Abstract
CD34 has traditionally been used as a marker to enrich human bone marrow stem cells for clinical bone marrow transplants for over five decades. However, several studies support that the most primitive hematopoietic stem cells (HSCs) responsible for long-term hematopoiesis-long-term HSCs (LT-HSCs) -are found within the CD34 negative (CD34 neg) fraction of bone marrow cells. LT-HSCs are challenging to study due to their scarcity and lack of specific markers to identify them. Once these stem cells enter the circulation, they must find their way, through multistep process controlled by a variety of cell surface adhesion molecules, into the bone marrow. In contrast to the CD34 pos stem cells, studies have suggested that LT-HSCs have trouble migrating and engrafting when introduced intravenously. In order to better understand why these deficiencies exist, we set out to fully elucidate the adhesion mechanisms used by various murine hematopoietic stem cell populations to migrate. To this end, we assayed the homing effectors that are either necessary in the first step, i.e., the cell surface adhesion molecule Sialyl Lewis X (sLe x) and its interaction with selectins-mainly E-selectin-on the bone marrow endothelium, or the second step, i.e. the chemokine receptor CXCR4 and its binding to the bone marrow stroma resident chemokine SDF-1α, of cell migration.

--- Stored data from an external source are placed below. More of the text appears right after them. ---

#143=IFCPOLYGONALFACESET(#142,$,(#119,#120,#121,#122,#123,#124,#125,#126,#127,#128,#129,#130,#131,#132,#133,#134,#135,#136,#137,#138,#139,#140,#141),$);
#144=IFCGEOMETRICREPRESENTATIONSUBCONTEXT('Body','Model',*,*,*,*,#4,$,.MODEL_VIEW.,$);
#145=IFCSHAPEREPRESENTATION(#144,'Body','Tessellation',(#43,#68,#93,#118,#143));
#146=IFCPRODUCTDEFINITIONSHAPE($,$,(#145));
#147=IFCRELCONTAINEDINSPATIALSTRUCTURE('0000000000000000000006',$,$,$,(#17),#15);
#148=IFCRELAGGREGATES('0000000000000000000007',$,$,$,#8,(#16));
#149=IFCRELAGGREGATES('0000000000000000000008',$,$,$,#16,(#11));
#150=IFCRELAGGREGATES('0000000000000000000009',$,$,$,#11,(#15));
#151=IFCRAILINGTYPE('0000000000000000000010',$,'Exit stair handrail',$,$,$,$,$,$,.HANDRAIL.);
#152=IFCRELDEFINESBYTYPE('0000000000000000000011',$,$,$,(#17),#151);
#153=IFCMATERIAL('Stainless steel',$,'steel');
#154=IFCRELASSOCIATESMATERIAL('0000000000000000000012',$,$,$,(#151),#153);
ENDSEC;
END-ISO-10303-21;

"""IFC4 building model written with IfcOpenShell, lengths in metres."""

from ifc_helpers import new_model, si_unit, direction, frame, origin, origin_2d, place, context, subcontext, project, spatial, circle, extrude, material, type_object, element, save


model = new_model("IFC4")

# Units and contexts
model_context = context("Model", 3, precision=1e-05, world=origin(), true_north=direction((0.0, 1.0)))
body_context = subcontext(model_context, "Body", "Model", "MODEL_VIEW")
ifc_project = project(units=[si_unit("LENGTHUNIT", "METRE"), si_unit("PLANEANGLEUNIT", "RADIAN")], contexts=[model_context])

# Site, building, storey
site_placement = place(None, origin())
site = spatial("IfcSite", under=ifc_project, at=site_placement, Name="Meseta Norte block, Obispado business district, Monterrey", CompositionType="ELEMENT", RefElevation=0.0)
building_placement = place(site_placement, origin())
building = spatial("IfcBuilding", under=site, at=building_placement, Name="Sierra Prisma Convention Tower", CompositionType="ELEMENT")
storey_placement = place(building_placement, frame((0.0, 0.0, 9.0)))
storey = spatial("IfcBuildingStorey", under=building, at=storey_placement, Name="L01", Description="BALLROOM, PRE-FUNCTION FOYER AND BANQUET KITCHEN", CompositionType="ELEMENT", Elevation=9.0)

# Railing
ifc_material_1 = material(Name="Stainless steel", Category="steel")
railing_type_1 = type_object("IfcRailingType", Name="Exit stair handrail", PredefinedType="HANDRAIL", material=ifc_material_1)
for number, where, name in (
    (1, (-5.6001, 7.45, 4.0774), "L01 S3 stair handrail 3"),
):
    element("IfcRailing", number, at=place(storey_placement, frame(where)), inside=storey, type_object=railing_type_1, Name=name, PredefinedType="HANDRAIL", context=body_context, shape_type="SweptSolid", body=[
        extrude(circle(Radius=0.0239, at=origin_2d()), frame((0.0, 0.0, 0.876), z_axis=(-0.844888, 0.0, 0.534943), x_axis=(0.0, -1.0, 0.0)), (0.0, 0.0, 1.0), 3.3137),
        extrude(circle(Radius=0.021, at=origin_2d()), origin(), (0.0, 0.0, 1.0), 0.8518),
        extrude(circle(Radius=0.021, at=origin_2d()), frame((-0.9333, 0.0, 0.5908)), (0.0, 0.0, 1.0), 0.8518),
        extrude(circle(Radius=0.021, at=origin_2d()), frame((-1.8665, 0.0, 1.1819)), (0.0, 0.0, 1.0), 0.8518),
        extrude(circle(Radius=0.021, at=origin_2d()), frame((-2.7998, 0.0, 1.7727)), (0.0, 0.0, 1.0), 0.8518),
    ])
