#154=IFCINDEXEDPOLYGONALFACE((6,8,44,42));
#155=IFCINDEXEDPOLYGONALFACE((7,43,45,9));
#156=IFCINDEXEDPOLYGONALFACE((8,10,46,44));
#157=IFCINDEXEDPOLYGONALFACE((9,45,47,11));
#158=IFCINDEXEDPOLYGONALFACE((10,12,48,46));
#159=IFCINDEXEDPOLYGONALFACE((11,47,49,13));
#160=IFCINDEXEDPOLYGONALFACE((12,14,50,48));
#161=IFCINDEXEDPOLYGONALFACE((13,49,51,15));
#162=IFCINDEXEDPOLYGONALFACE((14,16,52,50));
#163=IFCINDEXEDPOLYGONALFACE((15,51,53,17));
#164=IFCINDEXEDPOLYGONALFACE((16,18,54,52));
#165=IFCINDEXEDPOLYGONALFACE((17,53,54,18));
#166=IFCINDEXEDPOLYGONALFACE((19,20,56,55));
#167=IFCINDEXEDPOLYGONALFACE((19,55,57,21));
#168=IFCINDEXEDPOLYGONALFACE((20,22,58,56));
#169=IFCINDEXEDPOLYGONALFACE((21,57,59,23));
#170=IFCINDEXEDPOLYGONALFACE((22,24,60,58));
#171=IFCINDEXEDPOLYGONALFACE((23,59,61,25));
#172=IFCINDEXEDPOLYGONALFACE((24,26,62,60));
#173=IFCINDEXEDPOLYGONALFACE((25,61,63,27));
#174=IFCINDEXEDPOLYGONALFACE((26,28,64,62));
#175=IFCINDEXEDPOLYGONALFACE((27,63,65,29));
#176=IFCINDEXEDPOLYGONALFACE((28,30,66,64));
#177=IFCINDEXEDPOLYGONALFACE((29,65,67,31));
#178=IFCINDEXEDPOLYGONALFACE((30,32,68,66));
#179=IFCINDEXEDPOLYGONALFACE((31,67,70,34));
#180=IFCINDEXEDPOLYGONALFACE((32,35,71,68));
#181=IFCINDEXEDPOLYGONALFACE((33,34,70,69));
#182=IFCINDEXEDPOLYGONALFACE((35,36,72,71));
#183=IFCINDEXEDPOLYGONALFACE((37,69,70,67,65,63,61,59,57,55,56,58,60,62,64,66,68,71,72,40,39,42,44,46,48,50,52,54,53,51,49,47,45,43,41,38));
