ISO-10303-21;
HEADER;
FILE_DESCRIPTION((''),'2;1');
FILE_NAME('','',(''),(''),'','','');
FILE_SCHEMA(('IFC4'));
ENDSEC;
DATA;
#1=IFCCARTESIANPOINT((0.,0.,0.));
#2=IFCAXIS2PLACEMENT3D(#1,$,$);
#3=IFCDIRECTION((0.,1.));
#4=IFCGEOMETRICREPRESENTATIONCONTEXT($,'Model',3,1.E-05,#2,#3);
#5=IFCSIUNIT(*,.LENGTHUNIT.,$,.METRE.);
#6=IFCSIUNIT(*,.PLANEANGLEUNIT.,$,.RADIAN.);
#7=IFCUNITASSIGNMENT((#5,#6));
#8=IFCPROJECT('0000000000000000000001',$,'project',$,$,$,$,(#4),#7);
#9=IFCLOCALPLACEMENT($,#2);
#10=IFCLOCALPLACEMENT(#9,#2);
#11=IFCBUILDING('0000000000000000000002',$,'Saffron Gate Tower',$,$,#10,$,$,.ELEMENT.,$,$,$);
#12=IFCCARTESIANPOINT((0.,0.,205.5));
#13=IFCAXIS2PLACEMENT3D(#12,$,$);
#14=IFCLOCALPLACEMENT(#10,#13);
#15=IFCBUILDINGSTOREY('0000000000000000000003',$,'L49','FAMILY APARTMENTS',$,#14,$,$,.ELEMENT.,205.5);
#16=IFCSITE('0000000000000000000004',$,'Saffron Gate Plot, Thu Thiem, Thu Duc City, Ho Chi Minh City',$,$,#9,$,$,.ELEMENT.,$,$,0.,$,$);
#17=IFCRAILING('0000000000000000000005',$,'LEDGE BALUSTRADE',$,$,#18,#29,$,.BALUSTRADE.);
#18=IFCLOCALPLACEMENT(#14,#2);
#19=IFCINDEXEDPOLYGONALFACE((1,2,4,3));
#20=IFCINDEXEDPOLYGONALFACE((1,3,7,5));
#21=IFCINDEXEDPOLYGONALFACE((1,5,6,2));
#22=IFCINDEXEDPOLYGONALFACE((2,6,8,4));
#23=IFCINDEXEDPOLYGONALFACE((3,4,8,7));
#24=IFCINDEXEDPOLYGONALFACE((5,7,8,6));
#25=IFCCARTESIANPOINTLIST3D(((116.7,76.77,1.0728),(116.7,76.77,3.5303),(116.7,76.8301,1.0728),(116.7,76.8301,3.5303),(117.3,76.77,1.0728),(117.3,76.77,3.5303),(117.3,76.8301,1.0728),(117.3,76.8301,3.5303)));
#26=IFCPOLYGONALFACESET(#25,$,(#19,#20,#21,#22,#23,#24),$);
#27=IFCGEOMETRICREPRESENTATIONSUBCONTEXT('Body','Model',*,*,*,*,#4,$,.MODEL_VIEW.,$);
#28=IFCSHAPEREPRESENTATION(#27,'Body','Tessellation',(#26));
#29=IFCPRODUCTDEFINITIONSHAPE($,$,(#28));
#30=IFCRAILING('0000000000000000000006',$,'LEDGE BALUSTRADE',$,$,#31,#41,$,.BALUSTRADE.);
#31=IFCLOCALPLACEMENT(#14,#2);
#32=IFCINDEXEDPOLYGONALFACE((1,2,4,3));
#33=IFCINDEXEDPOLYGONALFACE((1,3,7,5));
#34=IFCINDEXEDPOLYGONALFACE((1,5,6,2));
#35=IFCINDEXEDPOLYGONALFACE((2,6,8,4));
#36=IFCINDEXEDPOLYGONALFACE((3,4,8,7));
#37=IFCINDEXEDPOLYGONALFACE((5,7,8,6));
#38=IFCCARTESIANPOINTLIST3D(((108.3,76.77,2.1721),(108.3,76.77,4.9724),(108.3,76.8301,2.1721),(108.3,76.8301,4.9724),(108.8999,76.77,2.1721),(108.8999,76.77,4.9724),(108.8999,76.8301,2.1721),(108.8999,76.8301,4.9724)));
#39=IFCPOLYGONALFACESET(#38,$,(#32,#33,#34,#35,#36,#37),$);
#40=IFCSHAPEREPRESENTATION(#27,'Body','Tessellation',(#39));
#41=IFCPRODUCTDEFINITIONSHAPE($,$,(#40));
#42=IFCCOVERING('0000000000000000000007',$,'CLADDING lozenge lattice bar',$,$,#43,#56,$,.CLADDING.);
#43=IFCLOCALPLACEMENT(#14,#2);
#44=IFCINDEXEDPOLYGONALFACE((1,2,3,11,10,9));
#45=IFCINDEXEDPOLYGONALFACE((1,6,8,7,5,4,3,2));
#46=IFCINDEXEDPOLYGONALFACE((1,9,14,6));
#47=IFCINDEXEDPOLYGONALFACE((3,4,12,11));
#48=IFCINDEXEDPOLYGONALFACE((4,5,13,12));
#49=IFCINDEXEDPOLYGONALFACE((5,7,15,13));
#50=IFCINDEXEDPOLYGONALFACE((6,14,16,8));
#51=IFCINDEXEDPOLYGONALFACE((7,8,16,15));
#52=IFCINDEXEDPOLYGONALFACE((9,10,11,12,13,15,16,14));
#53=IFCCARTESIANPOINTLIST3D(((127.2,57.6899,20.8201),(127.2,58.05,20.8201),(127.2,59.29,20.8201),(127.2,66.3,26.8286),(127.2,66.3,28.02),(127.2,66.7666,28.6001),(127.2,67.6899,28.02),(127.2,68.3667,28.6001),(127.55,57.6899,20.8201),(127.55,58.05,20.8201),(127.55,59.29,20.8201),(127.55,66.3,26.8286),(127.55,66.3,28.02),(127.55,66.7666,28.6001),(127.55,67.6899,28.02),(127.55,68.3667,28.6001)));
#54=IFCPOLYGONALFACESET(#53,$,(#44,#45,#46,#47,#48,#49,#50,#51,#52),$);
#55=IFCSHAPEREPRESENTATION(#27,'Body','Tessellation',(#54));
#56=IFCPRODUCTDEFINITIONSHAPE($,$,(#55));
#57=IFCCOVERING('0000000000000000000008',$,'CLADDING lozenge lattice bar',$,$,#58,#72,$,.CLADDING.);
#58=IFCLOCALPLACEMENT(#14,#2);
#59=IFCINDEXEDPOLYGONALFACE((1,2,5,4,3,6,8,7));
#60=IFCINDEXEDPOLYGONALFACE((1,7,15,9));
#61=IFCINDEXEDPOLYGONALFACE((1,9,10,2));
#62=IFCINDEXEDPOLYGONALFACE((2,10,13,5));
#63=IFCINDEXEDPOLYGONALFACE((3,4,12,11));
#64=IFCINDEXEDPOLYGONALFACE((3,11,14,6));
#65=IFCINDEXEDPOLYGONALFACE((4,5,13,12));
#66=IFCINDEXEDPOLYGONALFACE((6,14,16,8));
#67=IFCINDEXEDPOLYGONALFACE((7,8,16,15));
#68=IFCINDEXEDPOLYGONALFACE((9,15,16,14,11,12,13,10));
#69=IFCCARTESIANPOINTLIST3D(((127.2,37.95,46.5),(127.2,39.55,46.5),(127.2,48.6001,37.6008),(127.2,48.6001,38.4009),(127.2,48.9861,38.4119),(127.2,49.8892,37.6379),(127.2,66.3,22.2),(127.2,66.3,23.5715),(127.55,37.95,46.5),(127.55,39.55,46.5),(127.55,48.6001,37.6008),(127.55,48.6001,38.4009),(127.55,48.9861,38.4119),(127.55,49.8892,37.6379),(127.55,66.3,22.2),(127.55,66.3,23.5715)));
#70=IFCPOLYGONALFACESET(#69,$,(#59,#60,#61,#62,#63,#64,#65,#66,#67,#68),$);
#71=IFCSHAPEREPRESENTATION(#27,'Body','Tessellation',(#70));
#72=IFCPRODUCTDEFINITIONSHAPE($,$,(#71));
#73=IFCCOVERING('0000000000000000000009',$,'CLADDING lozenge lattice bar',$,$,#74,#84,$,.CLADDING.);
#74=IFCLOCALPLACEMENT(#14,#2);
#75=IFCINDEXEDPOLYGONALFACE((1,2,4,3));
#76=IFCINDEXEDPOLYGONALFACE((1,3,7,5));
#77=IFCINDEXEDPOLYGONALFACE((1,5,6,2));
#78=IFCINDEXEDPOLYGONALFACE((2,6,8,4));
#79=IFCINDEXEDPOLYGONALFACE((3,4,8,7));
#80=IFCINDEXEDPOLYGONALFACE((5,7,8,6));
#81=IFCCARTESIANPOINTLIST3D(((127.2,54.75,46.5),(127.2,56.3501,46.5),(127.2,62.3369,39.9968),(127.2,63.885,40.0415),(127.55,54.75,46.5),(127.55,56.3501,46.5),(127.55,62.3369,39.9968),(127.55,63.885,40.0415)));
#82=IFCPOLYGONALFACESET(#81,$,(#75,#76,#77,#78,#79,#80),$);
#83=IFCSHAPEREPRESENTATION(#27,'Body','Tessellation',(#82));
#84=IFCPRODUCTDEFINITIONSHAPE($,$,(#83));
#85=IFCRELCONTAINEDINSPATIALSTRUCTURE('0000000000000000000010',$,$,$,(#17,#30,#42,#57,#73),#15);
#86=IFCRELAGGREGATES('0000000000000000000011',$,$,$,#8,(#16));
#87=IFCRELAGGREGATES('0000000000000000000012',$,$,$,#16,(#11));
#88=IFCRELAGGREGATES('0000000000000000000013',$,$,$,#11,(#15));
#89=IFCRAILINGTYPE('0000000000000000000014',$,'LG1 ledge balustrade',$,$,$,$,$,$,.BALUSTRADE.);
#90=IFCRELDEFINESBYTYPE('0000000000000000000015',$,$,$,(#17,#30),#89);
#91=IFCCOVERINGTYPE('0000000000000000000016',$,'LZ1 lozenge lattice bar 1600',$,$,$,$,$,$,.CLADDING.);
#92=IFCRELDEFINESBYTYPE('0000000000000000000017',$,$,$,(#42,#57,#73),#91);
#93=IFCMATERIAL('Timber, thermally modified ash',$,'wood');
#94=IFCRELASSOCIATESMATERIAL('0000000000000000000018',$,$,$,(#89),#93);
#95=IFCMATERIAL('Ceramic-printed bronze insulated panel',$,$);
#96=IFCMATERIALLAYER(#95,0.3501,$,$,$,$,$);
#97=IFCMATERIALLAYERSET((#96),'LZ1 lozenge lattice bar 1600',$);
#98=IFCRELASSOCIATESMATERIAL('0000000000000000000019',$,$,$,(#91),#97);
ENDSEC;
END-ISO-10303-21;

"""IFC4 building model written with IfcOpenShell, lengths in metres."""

from ifc_helpers import new_model, si_unit, direction, frame, origin, origin_2d, place, context, subcontext, project, spatial, polyline, rectangle, outline, extrude, material, layer, layer_set, type_object, element, save


model = new_model("IFC4")

# Units and contexts
model_context = context("Model", 3, precision=1e-05, world=origin(), true_north=direction((0.0, 1.0)))
body_context = subcontext(model_context, "Body", "Model", "MODEL_VIEW")
ifc_project = project(units=[si_unit("LENGTHUNIT", "METRE"), si_unit("PLANEANGLEUNIT", "RADIAN")], contexts=[model_context])

# Site, building, storey
site_placement = place(None, origin())
site = spatial("IfcSite", under=ifc_project, at=site_placement, Name="Saffron Gate Plot, Thu Thiem, Thu Duc City, Ho Chi Minh City", CompositionType="ELEMENT", RefElevation=0.0)
building_placement = place(site_placement, origin())
building = spatial("IfcBuilding", under=site, at=building_placement, Name="Saffron Gate Tower", CompositionType="ELEMENT")
storey_placement = place(building_placement, frame((0.0, 0.0, 205.5)))
storey = spatial("IfcBuildingStorey", under=building, at=storey_placement, Name="L49", Description="FAMILY APARTMENTS", CompositionType="ELEMENT", Elevation=205.5)

# Shared definitions
ifc_material_1 = material(Name="Timber, thermally modified ash", Category="wood")

# Railings
railing_type = type_object("IfcRailingType", Name="LG1 ledge balustrade", PredefinedType="BALUSTRADE", material=ifc_material_1)
railing_1_placement = place(storey_placement, frame((117.3, 76.8, 1.0728)))
element("IfcRailing", 1, at=railing_1_placement, inside=storey, type_object=railing_type, Name="LEDGE BALUSTRADE", PredefinedType="BALUSTRADE", context=body_context, shape_type="SweptSolid", body=[
    extrude(rectangle(XDim=0.0601, YDim=2.4575, at=origin_2d()), frame((0.0, 0.0, 1.2288), z_axis=(-1.0, 0.0, 0.0), x_axis=(0.0, -1.0, 0.0)), (0.0, 0.0, 1.0), 0.6001),
])
railing_2_placement = place(storey_placement, frame((108.8999, 76.8, 2.1721)))
element("IfcRailing", 2, at=railing_2_placement, inside=storey, type_object=railing_type, Name="LEDGE BALUSTRADE", PredefinedType="BALUSTRADE", context=body_context, shape_type="SweptSolid", body=[
    extrude(rectangle(XDim=0.0601, YDim=2.8003, at=origin_2d()), frame((0.0, 0.0, 1.4001), z_axis=(-1.0, 0.0, 0.0), x_axis=(0.0, -1.0, 0.0)), (0.0, 0.0, 1.0), 0.5999),
])

# Coverings
ifc_material_2 = material(Name="Ceramic-printed bronze insulated panel")
ifc_layer_1 = layer(ifc_material_2, 0.3501)
ifc_layer_set_1 = layer_set([ifc_layer_1], Name="LZ1 lozenge lattice bar 1600")
covering_type_1 = type_object("IfcCoveringType", Name="LZ1 lozenge lattice bar 1600", PredefinedType="CLADDING", material=ifc_layer_set_1)
covering_1_placement = place(storey_placement, frame((127.55, 57.6899, 20.8201), z_axis=(1.0, 0.0, 0.0), x_axis=(0.0, 1.0, 0.0)))
element("IfcCovering", 3, at=covering_1_placement, inside=storey, type_object=covering_type_1, Name="CLADDING lozenge lattice bar", PredefinedType="CLADDING", context=body_context, shape_type="SweptSolid", body=[
    extrude(outline(polyline([(0.0, 0.0), (0.3601, 0.0), (1.6001, 0.0), (8.6101, 6.0085), (8.6101, 7.2), (10.0, 7.2), (10.6768, 7.78), (9.0767, 7.78), (0.0, 0.0)])), origin(), (0.0, 0.0, -1.0), 0.3501),
])
covering_2_placement = place(storey_placement, frame((127.55, 66.3, 22.2), z_axis=(1.0, 0.0, 0.0), x_axis=(0.0, 0.0, 1.0)))
element("IfcCovering", 4, at=covering_2_placement, inside=storey, type_object=covering_type_1, Name="CLADDING lozenge lattice bar", PredefinedType="CLADDING", context=body_context, shape_type="SweptSolid", body=[
    extrude(outline(polyline([(0.0, 0.0), (1.3716, 0.0), (15.438, 16.4109), (15.4009, 17.7), (16.2009, 17.7), (16.2119, 17.314), (24.3, 26.75), (24.3, 28.3501), (0.0, 0.0)])), origin(), (0.0, 0.0, -1.0), 0.3501),
])
covering_3_placement = place(storey_placement, frame((127.55, 62.3369, 39.9968), z_axis=(1.0, 0.0, 0.0), x_axis=(0.0, 0.999584, 0.028848)))
element("IfcCovering", 5, at=covering_3_placement, inside=storey, type_object=covering_type_1, Name="CLADDING lozenge lattice bar", PredefinedType="CLADDING", context=body_context, shape_type="SweptSolid", body=[
    extrude(outline(polyline([(0.0, 0.0), (1.5487, 0.0), (-5.7967, 6.6732), (-7.3962, 6.7193), (0.0, 0.0)])), origin(), (0.0, 0.0, -1.0), 0.3501),
])

save(model, "model.ifc")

Specifically focusing on murine populations of short term HSCs (ST-HSCs; Flk2 negCD34 pos) and LT-HSCs (Flk2 negCD34 neg), flow cytometric and gene expression analysis clearly illustrated distinctive expression patterns of homing effectors with the highest contrast observed in sLe x where Flk2 negCD34 neg HSCs exhibited low expression (< 10%) and Flk2 negCD34 pos HSCs exhibited much higher expression (> 60%) which correlated to higher binding to E-selectin. Of the common E-selectin ligands identified, both Flk2 negCD34 pos and Flk2 negCD34 neg HSCs expressed CD44 and PSGL-1 to equivalent levels while CD43 was expressed at significantly lower levels on Flk2 negCD34 neg HSCs. Moreover, our data indicates that the variation observed in sLe x expression/E-selectin binding correlates with differences in the expression of key glycosyltransferase genes involved in the creation of the sLe x epitope on these E-selectin ligands. mRNA expression analysis of glycosyltransferases revealed that, in general, sialyltransferase (ST3Gals) genes were expressed at higher levels in Flk2 negCD34 neg HSCs while only one fructosyltransferase (FT4) gene was expressed at higher levels in this HSC population. Thus, these data suggest that α2,3 sialylation is intact in Flk2 negCD34 neg HSCs but α1,3 fucosylation is lacking. The expression levels of homing molecules involved in the stages of cell migration after E-selectin binding were also assessed. No differences in the expression of the integrins CD49d, CD49e and CD29 were observed between Flk2 negCD34 neg and Flk2 negCD34 pos HSCs. Interestingly, higher levels of the chemokine receptor CXCR4 were measured on the surface of Flk2 negCD34 pos HSCs compared to Flk2 negCD34 neg HSCs. Likewise, this was reflected in a much lower ability of the Flk2 negCD34 neg HSCs to migrate towards the CXCR4 ligand, SDF-1, in a transwell assay.
Based on these findings that show that both E-selectin binding and CXCR4 mediated migration are compromised in Flk2 negCD34 neg HSCs, we sought to enhance this LT-HSC populations ability to migrate using well-known treatments including recombinant human fucosyltransferase 6 (rhFVI) to create the glycans necessary for selectin binding, as well as the CD26 inhibitor (Diprotin A; Dip A) to enhance the binding of chemokines to their receptors.
Interestingly, although both CD26 inhibition and cell surface fucosylation remarkably enhanced the expression of homing molecules in both HSC populations in vitro, only pretreatment of Flk2 negCD34 neg HSCs with Dip A significantly enhanced engraftment in vivo after transplantation into C57BL/6N mice.
This study represents the first direct analysis of E-selectin ligand expression on murine LT-HSC populations and strongly support that by temporarily enhancing the expression of migration-associated molecules on the surface of these cells, prolonged and efficient HSC engraftment can be achieved. We hope our finding will potentially shed light on methods to optimally utilize these very valuable long-term HSCs in clinical bone marrow and cord blood transplants worldwide.
No relevant conflicts of interest to declare.